Since LEDs only conduct current above their forward voltage there is no holding current at the lower voltages causing the dimmer to incorrectly operate. To solve this holding current issue manufacturers are using bleeder circuits. These bleeder circuits draw a current during the off periods of the LEDs. This hurts the overall efficiency of the system, but allows for good dimming performance. Topologies that use some sort of switching will sometimes encounter jumps in the light output or issues at the switching points. Manufacturers are trying to solve this issue by implementing hysteresis and carefully selecting the switching points.

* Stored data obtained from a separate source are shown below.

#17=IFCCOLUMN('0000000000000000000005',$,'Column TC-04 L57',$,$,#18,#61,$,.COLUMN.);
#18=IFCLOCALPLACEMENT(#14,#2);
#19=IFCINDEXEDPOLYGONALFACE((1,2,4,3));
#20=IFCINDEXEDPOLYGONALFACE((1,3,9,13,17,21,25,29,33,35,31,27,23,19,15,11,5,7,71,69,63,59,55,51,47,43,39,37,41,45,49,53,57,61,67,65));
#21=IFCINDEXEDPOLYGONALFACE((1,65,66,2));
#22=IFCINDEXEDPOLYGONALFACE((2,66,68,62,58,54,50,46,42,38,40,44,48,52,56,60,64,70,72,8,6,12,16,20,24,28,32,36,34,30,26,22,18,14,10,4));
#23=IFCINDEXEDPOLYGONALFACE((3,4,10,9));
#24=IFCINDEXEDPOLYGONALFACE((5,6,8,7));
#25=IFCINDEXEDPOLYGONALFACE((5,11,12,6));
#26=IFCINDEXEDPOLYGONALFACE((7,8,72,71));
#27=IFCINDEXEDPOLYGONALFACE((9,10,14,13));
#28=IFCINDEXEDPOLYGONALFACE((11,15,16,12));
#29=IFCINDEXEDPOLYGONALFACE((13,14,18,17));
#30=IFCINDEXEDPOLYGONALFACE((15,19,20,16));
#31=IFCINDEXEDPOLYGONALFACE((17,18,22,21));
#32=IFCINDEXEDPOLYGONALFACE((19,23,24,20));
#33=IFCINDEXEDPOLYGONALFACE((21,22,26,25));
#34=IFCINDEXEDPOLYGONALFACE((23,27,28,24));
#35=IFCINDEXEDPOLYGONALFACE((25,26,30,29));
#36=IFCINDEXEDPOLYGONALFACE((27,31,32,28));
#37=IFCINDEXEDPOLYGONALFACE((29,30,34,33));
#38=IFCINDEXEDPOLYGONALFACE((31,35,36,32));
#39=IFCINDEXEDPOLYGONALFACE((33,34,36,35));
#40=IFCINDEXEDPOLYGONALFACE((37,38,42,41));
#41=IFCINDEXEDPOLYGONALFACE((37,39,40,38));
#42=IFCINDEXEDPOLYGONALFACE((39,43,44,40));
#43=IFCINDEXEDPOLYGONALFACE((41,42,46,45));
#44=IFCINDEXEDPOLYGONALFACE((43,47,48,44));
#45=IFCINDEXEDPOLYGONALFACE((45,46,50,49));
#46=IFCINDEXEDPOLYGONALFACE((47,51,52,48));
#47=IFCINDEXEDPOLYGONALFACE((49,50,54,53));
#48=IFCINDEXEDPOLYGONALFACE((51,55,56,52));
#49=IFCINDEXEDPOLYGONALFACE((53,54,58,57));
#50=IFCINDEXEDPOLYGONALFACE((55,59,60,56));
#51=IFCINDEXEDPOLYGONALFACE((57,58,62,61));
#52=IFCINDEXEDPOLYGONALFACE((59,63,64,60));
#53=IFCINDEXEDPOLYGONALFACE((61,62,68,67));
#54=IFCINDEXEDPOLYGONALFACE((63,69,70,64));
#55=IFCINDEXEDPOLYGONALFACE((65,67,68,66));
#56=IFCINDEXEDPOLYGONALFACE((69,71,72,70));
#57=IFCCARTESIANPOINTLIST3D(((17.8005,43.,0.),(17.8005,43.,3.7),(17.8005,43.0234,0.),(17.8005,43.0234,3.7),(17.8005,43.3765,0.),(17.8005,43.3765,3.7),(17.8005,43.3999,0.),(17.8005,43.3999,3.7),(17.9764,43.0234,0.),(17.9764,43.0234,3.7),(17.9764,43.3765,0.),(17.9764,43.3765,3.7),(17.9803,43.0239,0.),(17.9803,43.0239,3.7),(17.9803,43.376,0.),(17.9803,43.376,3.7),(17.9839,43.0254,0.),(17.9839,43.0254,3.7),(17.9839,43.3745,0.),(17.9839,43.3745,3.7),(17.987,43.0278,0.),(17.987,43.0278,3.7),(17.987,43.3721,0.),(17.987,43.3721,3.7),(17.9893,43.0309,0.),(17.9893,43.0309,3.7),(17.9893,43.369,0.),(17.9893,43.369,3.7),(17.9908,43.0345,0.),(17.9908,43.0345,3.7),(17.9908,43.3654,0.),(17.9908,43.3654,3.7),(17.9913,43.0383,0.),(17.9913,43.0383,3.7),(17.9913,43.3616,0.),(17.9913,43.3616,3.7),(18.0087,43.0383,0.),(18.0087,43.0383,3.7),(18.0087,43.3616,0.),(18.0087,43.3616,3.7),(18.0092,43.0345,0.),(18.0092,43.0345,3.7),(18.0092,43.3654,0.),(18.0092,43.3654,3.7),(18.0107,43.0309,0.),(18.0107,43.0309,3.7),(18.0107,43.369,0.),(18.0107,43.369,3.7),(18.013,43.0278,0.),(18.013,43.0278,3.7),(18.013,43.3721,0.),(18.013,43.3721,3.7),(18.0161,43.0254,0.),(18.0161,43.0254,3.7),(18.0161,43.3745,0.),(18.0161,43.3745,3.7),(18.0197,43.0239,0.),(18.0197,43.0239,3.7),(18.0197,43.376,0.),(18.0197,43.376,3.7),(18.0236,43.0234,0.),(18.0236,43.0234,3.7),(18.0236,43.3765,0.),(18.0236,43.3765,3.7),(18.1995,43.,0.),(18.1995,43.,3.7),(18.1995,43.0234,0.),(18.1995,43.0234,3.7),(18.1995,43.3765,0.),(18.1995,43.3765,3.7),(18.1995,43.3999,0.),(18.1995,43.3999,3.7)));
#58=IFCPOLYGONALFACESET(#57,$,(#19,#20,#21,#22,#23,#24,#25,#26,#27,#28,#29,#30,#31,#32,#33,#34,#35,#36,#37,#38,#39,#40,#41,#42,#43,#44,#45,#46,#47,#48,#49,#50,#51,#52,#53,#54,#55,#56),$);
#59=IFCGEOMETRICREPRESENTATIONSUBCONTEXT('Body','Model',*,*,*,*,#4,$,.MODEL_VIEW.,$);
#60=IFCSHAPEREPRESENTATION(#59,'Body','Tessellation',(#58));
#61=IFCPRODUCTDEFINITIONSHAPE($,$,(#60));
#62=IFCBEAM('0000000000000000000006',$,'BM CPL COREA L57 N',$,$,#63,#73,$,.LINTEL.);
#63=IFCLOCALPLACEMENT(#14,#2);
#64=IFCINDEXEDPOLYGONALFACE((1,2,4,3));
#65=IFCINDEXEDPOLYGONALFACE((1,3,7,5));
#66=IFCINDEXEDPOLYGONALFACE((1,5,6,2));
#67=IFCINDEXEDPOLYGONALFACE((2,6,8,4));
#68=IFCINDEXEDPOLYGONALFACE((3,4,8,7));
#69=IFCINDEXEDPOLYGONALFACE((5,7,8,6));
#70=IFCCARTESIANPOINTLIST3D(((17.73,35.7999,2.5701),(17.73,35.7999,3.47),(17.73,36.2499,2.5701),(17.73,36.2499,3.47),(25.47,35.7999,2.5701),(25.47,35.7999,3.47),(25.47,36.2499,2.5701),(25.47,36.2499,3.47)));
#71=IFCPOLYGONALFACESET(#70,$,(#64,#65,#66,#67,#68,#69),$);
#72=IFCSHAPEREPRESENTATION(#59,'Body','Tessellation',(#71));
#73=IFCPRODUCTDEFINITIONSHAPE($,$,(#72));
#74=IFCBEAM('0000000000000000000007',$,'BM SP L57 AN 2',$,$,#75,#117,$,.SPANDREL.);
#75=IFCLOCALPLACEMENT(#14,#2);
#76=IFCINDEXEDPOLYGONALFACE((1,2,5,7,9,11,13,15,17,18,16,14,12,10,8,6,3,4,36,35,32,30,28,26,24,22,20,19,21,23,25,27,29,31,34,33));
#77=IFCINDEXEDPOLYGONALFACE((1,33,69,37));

The development of HV-LEDs has opened the door to new driving techniques that are giving lighting manufacturers more options when designing new luminaires. When high efficiency solutions are needed an AC to DC topology can be implemented. When a low cost solution is needed a Direct AC straight topology can be implemented. And when an efficient mid cost solution is needed a Direct AC iterative VF or P2S topology can be implemented. Each of these topologies has their strengths and weaknesses, but HV-LEDs have allowed them all to be better performing and easier to implement.